Sunday, May 22, 2011

Inspiration from a woman philanthropist's urban oasis in Boston


With AL in town from LA, I decided to join her in some sightseeing in my own city. I tagged along to the Isabella Stewart Gardner Museum, wanting to find some inspiration. So glad I did. This gem in the city seems to attract women of all ages who are looking for a little bit of inspiration.

Isabella Stewart Gardner (1840-1924) was a philanthropist, traveler, and lover of the arts-- in addition to being independently wealthy.
This was a woman who was traveling to places as far away as Turkey and Japan in the late 1800's. With her money, she filled her house with art and designs from her travels around the world, and the result is an amazing 3-story house, centered with a Mediterranean oasis-like courtyard, and decorated with collections from her travels from around the world. She was even hosting concerts in her home and entertaining friends like famous painter John Singer Sargent.

The entire experience was so charming, it was easy to feel enchanted by the Mediterranean vibe, the beautiful works of art, the mystique of this charismatic woman and her famous friends, and the worldliness of her life and being.

I was like a am with a belly full of a meal from a sufficiently hole-in-the-wall restaurant well-reviewed on a prominent restaurant review site.

Full on the idea of what society says is charming, socially beneficent, and also beautiful? I was, shamelessly so.

But perhaps that's only because society says that ISG's house is all those wonderful things today. In society then, how many other women philanthropists were there?
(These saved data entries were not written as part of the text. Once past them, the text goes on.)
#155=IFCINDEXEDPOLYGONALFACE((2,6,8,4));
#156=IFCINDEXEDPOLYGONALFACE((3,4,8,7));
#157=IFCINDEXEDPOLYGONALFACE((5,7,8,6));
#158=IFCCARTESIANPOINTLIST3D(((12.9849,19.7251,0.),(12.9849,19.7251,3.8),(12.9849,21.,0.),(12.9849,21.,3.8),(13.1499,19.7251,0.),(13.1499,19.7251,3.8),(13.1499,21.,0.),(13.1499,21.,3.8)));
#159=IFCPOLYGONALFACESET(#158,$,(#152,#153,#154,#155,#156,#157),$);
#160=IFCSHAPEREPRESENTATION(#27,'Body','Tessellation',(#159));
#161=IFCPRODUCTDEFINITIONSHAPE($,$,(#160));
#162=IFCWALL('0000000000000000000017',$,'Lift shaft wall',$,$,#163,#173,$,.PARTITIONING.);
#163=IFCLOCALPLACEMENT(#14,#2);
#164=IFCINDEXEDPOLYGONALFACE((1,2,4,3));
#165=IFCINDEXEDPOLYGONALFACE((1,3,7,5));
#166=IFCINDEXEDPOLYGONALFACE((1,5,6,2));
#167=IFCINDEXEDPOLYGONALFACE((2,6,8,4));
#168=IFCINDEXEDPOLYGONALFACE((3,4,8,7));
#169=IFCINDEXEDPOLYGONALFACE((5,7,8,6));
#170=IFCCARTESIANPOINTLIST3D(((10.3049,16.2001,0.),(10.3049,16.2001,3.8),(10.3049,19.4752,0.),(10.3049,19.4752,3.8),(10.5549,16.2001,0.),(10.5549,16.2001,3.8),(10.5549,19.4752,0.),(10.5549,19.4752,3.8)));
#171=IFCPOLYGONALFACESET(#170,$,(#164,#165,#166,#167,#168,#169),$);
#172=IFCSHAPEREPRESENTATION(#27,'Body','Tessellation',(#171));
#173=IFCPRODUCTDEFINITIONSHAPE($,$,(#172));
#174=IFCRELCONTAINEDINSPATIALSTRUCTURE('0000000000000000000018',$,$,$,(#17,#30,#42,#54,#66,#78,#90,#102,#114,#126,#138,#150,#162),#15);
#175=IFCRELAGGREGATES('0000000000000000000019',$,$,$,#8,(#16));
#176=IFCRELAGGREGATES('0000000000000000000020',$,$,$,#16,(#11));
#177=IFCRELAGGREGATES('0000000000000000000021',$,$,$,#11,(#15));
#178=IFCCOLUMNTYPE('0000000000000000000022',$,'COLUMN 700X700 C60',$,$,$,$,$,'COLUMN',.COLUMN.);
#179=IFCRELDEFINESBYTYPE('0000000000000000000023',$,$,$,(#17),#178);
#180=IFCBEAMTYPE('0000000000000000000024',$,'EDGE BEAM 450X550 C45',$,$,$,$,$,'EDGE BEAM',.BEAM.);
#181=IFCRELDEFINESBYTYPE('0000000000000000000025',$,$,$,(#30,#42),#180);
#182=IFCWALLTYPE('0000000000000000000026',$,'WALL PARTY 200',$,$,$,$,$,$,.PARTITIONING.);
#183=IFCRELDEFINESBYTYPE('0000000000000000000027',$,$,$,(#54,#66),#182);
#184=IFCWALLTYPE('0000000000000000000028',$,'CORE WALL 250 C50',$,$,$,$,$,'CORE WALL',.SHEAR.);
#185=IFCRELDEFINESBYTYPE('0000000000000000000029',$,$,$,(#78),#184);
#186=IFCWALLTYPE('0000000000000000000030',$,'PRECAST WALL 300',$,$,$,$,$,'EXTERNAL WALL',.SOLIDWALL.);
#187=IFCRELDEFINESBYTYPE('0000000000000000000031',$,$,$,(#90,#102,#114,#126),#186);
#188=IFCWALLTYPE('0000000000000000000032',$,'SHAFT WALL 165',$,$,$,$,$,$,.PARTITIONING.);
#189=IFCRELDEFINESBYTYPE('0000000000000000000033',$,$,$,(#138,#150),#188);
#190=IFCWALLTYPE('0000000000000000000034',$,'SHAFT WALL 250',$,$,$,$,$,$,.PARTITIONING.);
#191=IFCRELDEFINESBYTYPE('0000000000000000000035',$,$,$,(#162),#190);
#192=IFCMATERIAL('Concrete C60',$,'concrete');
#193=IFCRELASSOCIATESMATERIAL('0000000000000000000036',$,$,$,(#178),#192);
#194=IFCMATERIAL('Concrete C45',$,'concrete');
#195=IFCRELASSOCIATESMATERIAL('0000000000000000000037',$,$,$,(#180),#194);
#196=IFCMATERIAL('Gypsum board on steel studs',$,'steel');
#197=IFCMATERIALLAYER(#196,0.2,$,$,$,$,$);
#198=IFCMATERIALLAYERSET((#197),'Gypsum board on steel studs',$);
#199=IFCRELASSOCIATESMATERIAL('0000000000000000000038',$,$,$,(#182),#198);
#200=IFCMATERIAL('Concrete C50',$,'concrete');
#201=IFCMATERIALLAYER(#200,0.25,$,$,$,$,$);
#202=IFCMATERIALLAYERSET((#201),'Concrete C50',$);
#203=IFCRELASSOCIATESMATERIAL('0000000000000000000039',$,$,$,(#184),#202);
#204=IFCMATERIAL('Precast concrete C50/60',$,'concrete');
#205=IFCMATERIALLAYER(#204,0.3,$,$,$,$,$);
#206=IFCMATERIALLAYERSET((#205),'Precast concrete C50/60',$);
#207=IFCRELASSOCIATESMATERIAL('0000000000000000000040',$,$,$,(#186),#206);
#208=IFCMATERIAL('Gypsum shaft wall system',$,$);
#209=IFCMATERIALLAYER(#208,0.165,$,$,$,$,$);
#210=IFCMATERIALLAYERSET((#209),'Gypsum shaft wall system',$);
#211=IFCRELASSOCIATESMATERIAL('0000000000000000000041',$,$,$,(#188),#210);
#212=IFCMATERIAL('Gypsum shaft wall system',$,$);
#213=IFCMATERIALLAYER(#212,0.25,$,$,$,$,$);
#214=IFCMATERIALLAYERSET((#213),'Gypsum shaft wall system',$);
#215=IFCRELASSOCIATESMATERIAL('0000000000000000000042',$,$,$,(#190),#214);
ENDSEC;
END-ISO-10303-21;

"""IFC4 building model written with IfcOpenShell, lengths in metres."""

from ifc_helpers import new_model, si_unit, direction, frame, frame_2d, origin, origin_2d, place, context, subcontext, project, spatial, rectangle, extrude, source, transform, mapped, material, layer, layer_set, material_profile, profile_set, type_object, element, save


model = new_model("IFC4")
It seems like ISG did something before it was a thing-- creating a museum of her house, from of her travels-- as a woman-- around the world.

The experience enchanted me enough to remind me to always foster my hobbies and passions. I got the inspiration I was looking for. And beyond that, it also inspired me to even do the things that don't even really exist as things today... no matter how weird, dorky, cooky, or awfully bad I am at them.